Democratisation of HPC with Portals

Panel Introductions

Open OnDemand

  • Vision: web based access, easy to use. In use since 2016. Good use for the Ohio machines through this. Can also create GUIs.

SGCI

  • Associated with XSEDE. Science gateways project member. ‘Full Stack’ approach. Apache Airavata. Federate multiple clusters, clients. 

ActiveEon

  • HPC + AI solutions. Portals. SLURM, PBS. LSF, on premise, cloud, containers. Easy access to RDMA (not sure what they really mean there).
  • Different portal for relevant use cases.
  • Tensorboard GUI, job dependencies GANTT, etc, Jupyter

NIMBIX

  • Headquartered in Dallas.
  • Kubernetes – new, but experience with containers.
  • HyperHub
  • JARVICE – end user portal.

Altair

  • PBS Works – includes portals (Altair Access) with 3D remote visualisation.
  • Config management and HPC monitoring.
  • Analytics for job data
  • Scheduling simulation

Rescale

  • HPC Cloud Agility. 
  • Offers portals, but also IT department control.

Atos

  • XCS – Extreme Computing Studio portal.
    • Supports all major schedulers
    • Role-based, customisable.
    • Mobile available.

Historical Comment

One comment I would make here is that I saw very similar things 5 years ago. If you look at the old NGS portal, some of this 10 years ago. It seems easier to use, more flexible, but it’s taken a while.
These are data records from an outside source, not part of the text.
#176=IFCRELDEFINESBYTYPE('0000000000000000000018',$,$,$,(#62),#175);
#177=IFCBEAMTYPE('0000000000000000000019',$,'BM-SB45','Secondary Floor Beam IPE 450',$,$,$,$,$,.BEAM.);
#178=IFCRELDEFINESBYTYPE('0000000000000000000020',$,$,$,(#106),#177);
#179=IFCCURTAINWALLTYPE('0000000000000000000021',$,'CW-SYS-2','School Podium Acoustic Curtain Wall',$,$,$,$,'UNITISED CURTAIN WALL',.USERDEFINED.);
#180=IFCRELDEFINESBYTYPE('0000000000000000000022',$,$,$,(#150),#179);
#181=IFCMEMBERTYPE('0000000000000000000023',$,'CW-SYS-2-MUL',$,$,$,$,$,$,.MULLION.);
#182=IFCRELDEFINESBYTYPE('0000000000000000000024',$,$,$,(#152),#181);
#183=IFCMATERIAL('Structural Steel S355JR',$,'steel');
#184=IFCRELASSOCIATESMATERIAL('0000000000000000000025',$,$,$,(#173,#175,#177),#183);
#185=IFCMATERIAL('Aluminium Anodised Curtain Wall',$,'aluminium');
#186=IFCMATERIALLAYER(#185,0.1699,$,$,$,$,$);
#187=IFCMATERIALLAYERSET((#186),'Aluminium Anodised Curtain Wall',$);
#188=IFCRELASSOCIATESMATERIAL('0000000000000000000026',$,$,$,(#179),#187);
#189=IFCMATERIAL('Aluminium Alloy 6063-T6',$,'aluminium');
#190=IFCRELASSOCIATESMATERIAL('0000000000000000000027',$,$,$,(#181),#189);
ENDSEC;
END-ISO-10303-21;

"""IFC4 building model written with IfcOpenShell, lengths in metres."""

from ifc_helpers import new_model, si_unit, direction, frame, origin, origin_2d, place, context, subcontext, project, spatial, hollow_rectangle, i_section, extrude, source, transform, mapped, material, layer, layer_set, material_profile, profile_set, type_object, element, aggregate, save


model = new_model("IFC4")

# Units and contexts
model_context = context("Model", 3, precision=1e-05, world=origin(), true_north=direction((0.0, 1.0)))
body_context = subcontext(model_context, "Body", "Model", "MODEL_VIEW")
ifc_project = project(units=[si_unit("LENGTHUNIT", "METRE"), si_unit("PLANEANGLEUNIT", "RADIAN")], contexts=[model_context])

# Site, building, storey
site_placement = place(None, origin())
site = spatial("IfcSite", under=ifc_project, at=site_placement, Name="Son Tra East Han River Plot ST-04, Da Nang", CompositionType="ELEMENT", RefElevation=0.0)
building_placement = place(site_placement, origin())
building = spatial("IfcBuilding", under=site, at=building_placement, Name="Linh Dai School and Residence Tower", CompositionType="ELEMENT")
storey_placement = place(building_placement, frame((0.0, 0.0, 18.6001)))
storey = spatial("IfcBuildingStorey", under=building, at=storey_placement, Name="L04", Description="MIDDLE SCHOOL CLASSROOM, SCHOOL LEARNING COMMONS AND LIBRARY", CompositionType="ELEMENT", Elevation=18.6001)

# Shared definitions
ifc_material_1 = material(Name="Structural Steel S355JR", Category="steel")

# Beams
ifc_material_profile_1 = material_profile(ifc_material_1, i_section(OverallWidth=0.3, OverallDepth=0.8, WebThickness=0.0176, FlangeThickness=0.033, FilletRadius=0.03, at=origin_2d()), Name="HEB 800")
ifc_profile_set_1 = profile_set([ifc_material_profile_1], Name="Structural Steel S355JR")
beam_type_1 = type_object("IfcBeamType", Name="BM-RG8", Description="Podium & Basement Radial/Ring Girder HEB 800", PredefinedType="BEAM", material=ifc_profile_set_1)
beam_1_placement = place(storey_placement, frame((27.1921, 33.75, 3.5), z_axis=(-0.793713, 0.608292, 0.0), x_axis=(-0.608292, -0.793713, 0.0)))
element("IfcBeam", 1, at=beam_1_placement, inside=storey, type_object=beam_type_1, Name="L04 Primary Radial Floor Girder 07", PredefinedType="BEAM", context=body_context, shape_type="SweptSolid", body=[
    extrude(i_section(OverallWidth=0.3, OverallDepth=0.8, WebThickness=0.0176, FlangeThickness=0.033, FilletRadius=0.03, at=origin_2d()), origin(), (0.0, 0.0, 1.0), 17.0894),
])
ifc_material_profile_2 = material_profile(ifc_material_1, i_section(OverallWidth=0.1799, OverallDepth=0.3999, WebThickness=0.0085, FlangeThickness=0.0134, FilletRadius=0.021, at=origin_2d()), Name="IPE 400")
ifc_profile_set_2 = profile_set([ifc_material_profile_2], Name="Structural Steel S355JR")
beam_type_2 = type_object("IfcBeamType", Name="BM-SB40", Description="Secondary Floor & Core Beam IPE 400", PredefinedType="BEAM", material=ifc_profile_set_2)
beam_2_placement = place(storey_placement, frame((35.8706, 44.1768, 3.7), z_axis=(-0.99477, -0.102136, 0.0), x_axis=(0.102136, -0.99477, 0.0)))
Hopefully the products shown will stick around. Missing are things like UniCore, UberCloud, etc.

Discussion

Top features

  • Open OnDemand: HTML5 so easier to set up and keep secure. Secure installation.
  • Know your user community that will use the portal. User experience consultations encouraged (cf. CARMEN project which formally did this for the neuroscience community).
  • Capture metadata (provenance). Again cf. CARMEN (2007-13) and sharing of metadata (ditto). So this is not a new idea, and the permission groupings suggested are exactly the same.
  • Science Gateway versus portal?
  • Openness and extendability important.
  • Needs to be a seamless extension to their current workflows – not worrying too much about the details.
  • Self-service.
  • Security
  • Ease-of-use – HPC as another tool for those who aren’t HPC experts.
  • Remote visualisation is critical due to data locality.
  • Universal accessibility – can use wherever they are.
  • ‘Make HPC tolerable’
  • ‘Not a black box’ – tell me what’s going on.
  • Integrate with existing (e.g. with AD or LDAP you are already using).
  • Some automation is easier on command line. Open OnDemand supports this, but could also hook into APIs to create other automations. This is useful.
  • Some people want to use the Matlab GUI.

Other Discussions

  • Handling of OpenGL, etc for remote visualisation.
    • Atos uses on technology – better than VNC.
    • Open OnDemand – not sure
    • SciGaP – work out on an individual use case basis
    • Rescale: uses GPU on the remote side, then HTML5 to the browser – very flexible as long as application supports OpenGL. VirtualGL. If very heavy visualisation user then local is still more responsive.
    • Remote visualisation now actually good.
    • Need to ensure that the visualisation integrates into the workflow, e.g. seeing visualisation when the job is running (already see this at Loughborough).
  • Will a Web GUI compromise performance – does ‘dumbing down’ the options potentially lead to a reduction of performance as best performance lies in those small tweaks.
    • ‘It depends’. If the platform is good, no? Portals as an entry way. [It pushes the need for intelligence back to the platform?]. 
    • SciGaP – work with cluster owners. Also a ‘power user’ option.
    • Input validation useful.
  • [A question I would ask is whether any of these tools, where a workflow is composed (and they didn’t seem to emphasise workflows) can dump out a workflow description that can be used elsewhere? The YouShare workflow tool spat out an abstract workflow that could then be loaded onto the portal and given the appropriate inputs and output locations to turn it into a concrete one. I would hope that these tools would support that, but export would be good as that means that if a tool can no longer be afforded, etc., the workflow could be saved, ideally in an open format, or convertible to one. Also it’s important if someone wanted to take a workflow used locally and move it to a national resource and scale it up, for example].
  • Can use on premise? Yes
  • Standardised interface to schedulers. [Surely this would be DRMAA?]. 
    • For the components of the web elements – use REST
    • Don’t expect to standardise REST APIs for web interfaces.

Future

  • Standardisation at highest level
  • App-centric
  • Less need for DevOps/admins, RSEs, etc.
  • More domain-specific
  • AI and HPC?
  • HPC ubiquity